Pantalones estrechos en el desfile de moda hombre para la primavera verano
Cortesía de Prada
Raquel Fernández Sobrín
Todos los titulares de medios de comunicación de moda que desde el año pasado amenazan con el regreso del pantalón pitillo al armario masculino, fuerzan el diagnóstico. Lo que quieren decir es que vuelve a ser considerado moda. Durante la primera parte de la década de 2020, mientras las pasarelas ensanchaban las perneras hasta convertirlas casi en una cuestión arquitectónica, muchos hombres siguieron comprando vaqueros slim o directamente skinny. Perdieron prestigio entre diseñadores, editores y consumidores atentos; no desaparecieron de las oficinas, las bodas, los estadios ni las discotecas. Simplemente dejaron de aparecer en las imágenes con las que la moda se explica a sí misma.

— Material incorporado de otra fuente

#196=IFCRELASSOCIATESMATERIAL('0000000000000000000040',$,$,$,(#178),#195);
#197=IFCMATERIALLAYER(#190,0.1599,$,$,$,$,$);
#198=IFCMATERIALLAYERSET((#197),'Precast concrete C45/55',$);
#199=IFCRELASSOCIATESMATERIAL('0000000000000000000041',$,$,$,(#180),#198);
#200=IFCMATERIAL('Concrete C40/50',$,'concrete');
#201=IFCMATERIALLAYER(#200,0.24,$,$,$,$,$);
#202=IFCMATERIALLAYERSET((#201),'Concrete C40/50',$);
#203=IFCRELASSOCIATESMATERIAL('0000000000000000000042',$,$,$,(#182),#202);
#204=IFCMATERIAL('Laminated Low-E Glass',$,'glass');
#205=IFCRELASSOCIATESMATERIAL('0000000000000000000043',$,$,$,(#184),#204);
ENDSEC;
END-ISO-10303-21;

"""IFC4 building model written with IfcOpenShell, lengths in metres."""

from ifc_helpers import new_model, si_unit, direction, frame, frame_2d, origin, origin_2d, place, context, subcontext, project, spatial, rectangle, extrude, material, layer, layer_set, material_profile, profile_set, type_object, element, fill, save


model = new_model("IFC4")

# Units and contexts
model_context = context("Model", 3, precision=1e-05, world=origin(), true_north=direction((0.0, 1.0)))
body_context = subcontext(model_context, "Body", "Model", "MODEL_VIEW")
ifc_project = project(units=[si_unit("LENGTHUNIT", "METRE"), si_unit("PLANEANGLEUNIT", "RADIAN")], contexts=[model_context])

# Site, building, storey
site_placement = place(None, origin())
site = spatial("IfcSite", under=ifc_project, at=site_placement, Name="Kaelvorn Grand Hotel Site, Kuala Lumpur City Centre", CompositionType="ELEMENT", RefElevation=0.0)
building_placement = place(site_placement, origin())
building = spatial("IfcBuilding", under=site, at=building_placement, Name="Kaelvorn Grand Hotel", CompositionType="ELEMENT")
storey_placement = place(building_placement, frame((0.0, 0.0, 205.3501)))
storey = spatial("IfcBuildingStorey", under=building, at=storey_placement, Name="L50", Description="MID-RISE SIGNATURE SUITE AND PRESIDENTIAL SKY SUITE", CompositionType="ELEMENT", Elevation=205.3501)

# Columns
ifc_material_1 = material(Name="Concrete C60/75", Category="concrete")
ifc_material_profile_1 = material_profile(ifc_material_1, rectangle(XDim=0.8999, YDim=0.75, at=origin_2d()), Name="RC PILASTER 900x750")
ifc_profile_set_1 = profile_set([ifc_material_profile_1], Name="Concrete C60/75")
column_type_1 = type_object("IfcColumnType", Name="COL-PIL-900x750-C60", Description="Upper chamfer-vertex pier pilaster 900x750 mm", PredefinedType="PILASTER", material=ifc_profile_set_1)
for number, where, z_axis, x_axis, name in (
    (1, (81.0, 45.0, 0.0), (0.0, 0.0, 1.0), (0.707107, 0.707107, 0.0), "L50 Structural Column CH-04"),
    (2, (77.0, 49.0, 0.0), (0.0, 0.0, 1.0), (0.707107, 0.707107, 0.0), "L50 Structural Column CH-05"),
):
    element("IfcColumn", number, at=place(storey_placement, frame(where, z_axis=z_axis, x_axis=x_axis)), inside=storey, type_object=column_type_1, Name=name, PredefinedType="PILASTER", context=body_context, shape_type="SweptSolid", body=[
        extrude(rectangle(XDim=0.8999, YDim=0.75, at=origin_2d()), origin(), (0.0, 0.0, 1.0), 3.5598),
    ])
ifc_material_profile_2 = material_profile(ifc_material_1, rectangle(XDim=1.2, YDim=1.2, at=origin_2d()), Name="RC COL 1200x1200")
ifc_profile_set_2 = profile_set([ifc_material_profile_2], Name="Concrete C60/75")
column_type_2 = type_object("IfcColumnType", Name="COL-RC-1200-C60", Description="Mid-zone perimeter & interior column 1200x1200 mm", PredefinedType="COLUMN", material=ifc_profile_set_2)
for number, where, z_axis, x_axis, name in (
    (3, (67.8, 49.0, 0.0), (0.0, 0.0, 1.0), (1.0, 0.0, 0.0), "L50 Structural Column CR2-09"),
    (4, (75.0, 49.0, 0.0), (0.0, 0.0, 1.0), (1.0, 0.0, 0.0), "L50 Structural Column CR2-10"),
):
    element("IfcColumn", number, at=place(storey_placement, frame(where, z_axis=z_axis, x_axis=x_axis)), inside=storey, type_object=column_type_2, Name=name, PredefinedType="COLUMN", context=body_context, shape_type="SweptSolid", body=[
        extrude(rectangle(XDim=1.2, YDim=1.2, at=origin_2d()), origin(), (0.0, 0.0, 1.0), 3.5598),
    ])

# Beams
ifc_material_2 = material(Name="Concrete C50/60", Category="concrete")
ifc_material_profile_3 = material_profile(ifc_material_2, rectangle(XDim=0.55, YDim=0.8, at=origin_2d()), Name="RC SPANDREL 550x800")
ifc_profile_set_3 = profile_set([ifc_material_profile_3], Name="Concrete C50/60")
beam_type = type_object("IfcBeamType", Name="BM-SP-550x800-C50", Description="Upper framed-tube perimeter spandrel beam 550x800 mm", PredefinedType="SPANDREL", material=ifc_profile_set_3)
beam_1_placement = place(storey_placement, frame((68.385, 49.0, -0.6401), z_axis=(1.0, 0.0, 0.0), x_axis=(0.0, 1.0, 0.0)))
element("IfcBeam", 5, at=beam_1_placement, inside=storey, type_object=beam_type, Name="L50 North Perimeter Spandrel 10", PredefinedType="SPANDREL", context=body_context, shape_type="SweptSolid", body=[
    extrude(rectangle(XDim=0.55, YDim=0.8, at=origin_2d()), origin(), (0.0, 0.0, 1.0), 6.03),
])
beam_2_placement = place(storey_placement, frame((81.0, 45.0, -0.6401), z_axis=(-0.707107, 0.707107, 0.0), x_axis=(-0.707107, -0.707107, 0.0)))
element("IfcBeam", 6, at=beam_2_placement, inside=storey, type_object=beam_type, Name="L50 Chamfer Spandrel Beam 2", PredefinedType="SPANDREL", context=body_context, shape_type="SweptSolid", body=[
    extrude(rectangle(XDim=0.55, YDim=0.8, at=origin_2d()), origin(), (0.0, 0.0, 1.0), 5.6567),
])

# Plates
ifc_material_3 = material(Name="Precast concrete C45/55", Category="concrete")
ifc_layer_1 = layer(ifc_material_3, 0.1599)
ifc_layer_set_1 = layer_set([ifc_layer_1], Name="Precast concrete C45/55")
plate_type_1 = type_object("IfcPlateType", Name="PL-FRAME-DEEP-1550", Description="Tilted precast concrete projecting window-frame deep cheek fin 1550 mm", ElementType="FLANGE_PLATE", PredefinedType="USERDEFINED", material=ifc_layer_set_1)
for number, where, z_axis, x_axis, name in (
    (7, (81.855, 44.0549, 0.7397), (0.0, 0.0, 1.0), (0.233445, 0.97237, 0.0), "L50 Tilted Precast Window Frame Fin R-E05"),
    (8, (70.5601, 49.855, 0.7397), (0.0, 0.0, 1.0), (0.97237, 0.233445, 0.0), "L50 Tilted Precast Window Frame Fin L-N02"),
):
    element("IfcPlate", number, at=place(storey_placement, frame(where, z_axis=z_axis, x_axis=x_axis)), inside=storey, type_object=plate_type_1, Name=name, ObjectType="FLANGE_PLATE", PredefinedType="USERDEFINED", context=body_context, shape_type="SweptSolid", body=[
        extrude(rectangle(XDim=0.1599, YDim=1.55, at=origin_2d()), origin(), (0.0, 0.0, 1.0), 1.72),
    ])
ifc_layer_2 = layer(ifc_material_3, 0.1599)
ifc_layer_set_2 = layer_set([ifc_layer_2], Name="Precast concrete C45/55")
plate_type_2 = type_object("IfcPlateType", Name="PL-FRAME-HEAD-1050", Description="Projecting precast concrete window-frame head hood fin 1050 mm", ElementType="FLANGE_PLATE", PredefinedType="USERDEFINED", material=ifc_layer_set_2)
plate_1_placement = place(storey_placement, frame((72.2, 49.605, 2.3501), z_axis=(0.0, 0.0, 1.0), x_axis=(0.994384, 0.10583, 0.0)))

Para entender por qué hablar de regreso resulta algo tramposo conviene recordar cómo llegó el pitillo hasta aquí. Hedi Slimane estrechó la silueta masculina a comienzos de los dos mil en Dior Homme y convirtió en deseable un cuerpo alargado, delgado y casi adolescente. Al principio, como ocurre con casi cualquier cambio serio de proporciones, costó imaginar a la mayoría de los hombres dentro de aquellos pantalones; hacia 2010, la ruptura ya se había convertido en uniforme. El elastano terminó de resolver lo que la anatomía podía objetar y creó una dependencia difícil de deshacer: hay hombres que ya no conciben un vaquero que no ceda al sentarse y otros que llevaron el estrechamiento hasta bajos tan ajustados que acarician la categoría de body paint. Lo que había empezado como una provocación terminó pareciendo la versión natural de un pantalón.